Avec ses deux frères, il s’engagea dès le début de la guerre 1914-18, accéda au grade de capitaine et obtint même la Croix de Fer de 1ère classe (Un de ses frères fut tué et l’autre blessé).

En 1918, il fut nommé directeur adjoint de la Kripo, la police criminelle de Berlin. Sa mission : rétablir l’odore dans une capitale allemande en proie, comme le reste du pays, à de sanglantes émeutes.

L’Allemagne avait perdu la guerre, le Kaiser était en fuite, extrême-droite et extrême gauche tentaient de s’emparer du pouvoir par les armes en renversant le fragile régime parlementaire, la « République de Weimar. ». Et bien sûr, la pègre avait alors le champ libre.

Bernhard Weiss – premier Juif non converti à accéder à un poste aussi élevé- fit merveille dans ses nouvelles fonctions et grimpa vite dans sa hiérarchie. Après avoir dirigé la Police politique, il devint chef de l’ensemble des polices de la capitale. Il fit dès le début, souffler un vent de modernité dans la lutte contre le crime.

Il introduisit les dernières avancées de la science, microscope, analyses de sang, détecteurs de mensonges, etc. Et, en quelques années, il transforma la Kripo en un instrument aussi efficace que la très renommée Scotland Yard britannique.

Mais son rôle ne se limitait pas, et de loin, à traquer les criminels. Car nombre d’Allemands rejetaient ou soutenaient du bout des lèvres le nouveau régime. Celui –ci était trop social, trop démocratique aux yeux tant des communistes que des monarchistes ou des milieux d’affaires, sans oublier bien sûr les nazis.

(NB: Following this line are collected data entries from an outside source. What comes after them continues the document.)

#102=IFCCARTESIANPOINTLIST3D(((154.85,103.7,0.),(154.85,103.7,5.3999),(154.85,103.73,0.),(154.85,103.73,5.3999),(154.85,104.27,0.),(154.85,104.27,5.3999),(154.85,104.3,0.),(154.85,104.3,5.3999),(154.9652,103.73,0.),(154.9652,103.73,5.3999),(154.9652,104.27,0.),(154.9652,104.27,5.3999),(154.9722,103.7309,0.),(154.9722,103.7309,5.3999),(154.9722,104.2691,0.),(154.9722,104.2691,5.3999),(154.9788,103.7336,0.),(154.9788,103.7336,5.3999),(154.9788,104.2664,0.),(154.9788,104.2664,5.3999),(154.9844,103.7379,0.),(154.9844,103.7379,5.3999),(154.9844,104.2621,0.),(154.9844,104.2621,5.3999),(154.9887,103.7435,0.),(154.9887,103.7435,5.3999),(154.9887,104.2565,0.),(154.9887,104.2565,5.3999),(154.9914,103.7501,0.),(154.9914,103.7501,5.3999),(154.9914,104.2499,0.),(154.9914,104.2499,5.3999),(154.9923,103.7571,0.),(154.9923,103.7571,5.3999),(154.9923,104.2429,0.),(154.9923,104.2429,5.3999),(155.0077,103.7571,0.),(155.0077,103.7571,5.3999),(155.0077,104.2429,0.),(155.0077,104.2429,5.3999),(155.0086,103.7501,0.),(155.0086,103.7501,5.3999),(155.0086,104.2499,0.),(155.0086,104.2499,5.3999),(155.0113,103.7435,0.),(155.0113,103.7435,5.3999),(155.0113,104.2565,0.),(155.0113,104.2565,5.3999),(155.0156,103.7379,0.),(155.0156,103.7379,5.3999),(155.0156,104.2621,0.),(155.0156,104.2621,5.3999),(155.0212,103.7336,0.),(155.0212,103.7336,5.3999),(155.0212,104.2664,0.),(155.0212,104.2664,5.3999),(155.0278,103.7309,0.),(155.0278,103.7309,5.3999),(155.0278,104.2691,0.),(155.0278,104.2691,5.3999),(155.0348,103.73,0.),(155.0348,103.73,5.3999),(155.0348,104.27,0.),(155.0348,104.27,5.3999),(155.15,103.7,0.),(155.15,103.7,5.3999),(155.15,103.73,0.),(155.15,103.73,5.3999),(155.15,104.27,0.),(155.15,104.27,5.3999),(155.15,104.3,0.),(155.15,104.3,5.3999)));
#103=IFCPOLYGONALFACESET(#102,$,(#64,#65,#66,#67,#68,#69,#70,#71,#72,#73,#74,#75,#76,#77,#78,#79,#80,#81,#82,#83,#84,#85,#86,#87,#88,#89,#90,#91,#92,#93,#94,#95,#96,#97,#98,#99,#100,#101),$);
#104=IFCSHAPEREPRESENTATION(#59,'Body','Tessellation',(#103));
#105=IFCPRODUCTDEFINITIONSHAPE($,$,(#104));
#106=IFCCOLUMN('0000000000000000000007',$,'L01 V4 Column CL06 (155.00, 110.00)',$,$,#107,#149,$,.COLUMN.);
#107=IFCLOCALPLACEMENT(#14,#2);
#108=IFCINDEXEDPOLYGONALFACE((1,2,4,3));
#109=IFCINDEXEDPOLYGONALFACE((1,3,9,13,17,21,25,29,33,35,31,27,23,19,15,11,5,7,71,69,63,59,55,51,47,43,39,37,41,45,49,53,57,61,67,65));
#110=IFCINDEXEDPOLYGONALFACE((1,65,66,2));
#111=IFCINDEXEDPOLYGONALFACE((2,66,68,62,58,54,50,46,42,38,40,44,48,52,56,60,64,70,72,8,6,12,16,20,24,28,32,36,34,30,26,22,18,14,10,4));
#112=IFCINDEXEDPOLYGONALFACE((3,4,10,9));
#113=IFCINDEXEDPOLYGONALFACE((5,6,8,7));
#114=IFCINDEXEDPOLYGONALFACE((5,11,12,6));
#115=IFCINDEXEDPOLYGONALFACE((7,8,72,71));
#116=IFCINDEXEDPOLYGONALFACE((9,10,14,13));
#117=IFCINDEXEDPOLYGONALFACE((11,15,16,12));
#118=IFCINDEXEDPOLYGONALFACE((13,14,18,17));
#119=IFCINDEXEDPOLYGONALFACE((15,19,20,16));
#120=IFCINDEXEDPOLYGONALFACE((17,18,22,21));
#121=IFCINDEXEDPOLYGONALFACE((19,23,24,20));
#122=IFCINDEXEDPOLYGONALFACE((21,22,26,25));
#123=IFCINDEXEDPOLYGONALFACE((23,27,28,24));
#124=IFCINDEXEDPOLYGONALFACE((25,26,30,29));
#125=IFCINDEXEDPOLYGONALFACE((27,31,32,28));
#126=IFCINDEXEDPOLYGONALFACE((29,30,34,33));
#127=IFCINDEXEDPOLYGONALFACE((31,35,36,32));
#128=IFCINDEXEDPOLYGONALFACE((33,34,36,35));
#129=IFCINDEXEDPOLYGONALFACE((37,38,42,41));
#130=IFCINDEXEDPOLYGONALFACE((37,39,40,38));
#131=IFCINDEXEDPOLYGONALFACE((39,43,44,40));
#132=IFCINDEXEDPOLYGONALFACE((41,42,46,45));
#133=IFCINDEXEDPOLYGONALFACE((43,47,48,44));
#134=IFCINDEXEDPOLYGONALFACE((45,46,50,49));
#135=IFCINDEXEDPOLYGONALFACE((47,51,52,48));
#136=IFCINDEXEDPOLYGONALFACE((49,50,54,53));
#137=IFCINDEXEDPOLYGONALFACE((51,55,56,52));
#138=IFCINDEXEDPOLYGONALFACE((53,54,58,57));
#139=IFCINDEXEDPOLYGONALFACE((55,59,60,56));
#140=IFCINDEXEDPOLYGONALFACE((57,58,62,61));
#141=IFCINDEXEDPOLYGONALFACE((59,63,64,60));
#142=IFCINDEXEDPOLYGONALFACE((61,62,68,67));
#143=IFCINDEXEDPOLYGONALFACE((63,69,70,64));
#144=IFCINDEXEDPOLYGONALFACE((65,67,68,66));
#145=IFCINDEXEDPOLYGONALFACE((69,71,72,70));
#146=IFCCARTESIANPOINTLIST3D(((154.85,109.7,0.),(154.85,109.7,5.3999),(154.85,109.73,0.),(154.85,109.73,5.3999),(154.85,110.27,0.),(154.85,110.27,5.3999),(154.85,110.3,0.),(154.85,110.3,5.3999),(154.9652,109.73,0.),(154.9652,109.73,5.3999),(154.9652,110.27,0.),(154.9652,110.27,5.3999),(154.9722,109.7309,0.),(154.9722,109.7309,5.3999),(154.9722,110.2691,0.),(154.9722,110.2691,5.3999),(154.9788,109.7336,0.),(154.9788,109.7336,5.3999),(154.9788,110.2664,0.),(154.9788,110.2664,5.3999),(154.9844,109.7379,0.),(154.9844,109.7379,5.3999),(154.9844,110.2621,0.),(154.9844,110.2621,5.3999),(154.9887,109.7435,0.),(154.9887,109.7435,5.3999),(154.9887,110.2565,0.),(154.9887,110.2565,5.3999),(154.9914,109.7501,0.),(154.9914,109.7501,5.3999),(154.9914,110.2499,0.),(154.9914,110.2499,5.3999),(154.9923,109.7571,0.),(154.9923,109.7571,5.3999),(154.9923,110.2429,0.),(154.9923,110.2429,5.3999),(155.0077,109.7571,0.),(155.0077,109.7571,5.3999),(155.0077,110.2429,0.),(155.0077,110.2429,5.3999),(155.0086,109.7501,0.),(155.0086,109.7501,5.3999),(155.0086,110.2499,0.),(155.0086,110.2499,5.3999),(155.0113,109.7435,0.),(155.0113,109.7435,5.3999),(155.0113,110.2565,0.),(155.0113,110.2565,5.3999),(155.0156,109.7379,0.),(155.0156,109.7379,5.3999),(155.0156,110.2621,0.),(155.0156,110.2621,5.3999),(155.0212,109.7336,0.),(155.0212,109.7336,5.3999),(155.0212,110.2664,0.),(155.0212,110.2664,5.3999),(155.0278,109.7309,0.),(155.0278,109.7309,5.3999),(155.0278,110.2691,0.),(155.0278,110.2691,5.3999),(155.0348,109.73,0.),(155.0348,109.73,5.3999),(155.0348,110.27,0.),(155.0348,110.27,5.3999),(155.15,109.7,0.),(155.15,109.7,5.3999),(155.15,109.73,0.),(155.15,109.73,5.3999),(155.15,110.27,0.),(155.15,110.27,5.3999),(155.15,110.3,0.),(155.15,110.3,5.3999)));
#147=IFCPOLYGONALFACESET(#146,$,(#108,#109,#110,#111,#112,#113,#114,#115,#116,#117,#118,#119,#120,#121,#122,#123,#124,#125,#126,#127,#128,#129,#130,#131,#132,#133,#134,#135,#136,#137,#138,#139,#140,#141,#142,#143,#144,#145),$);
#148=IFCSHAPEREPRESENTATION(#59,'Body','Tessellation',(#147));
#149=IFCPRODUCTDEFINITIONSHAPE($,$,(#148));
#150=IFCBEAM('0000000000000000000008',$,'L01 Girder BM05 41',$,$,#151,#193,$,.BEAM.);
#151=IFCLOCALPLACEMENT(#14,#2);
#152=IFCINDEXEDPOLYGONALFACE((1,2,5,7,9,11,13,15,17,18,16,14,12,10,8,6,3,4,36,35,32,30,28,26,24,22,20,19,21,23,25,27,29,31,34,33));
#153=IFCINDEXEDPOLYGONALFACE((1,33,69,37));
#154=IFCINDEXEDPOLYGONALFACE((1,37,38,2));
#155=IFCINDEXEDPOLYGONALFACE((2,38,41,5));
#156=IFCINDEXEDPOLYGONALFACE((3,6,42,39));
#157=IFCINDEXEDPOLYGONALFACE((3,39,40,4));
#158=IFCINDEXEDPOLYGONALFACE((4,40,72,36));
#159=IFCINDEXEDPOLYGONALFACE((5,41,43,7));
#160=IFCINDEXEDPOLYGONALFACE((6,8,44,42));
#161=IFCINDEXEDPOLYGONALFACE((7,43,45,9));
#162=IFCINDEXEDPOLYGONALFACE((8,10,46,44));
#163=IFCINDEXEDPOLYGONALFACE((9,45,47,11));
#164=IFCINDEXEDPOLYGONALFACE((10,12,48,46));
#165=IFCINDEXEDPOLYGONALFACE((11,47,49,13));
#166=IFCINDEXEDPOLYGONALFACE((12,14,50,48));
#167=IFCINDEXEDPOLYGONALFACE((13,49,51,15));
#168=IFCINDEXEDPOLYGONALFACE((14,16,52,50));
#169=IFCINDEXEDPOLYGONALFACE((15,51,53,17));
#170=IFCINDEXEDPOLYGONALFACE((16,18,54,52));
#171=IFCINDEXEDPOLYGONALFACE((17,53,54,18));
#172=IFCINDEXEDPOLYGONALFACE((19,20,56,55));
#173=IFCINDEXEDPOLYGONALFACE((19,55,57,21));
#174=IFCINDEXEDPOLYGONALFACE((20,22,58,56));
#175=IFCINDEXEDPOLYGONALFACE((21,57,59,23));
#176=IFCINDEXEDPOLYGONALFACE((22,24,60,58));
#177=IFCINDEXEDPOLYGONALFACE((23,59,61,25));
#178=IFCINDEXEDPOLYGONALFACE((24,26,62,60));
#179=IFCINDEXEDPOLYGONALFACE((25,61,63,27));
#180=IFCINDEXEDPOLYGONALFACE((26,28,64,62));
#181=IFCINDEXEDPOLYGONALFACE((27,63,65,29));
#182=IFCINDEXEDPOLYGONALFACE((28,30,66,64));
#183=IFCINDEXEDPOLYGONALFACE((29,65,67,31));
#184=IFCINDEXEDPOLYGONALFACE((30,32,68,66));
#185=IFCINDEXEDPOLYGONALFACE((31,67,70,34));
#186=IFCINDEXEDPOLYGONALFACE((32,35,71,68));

B. Weiss fut un des rares hauts fonctionnaires à défendre avec loyauté la République. Et lorsqu’en 1926, le parti nazi décide de s’implanter à Berlin, il entre en conflit avec Joseph Goebbels, antisémite forcené.

Jusqu’alors, en effet, le mouvement d’Hitler sévissait surtout en Bavière, dans le sud du pays. Mais l’essentiel du pouvoir se trouve dans la capitale, en Prusse, là où le parti ne compte alors que quelques centaines de membres.

40 procès contre Goebbels.

Un rude défi donc, de l’aveu de Goebbels pour qui, en dehors de Moscou, « Berlin est la ville la plus rouge d’Europe ». Sociaux-démocrates et communistes n’y ont-ils pas obtenu plus de 52% des voix lors des élections municipales de 1925. Oubliant au passage que les deux formations sont à couteaux tirés…

Quoi qu’il en soit, Goebbels arrive avec la volonté de semer la violence dans la capitale en lançant la milice nazie, les S.A. contre les communistes. Avantages : casser du Rouge, faire de la publicité à son parti et montrer la faiblesse du pouvoir.   

Mais B. Weiss ne le laisse pas faire. En 1927, il obtient l’interdiction du parti à Berlin et fait arrêter pour appartenance à une organisation illégale 500 S.A. Mais les nazis contournent la mesure en se regroupant dans diverses organisations sportives ou culturelles.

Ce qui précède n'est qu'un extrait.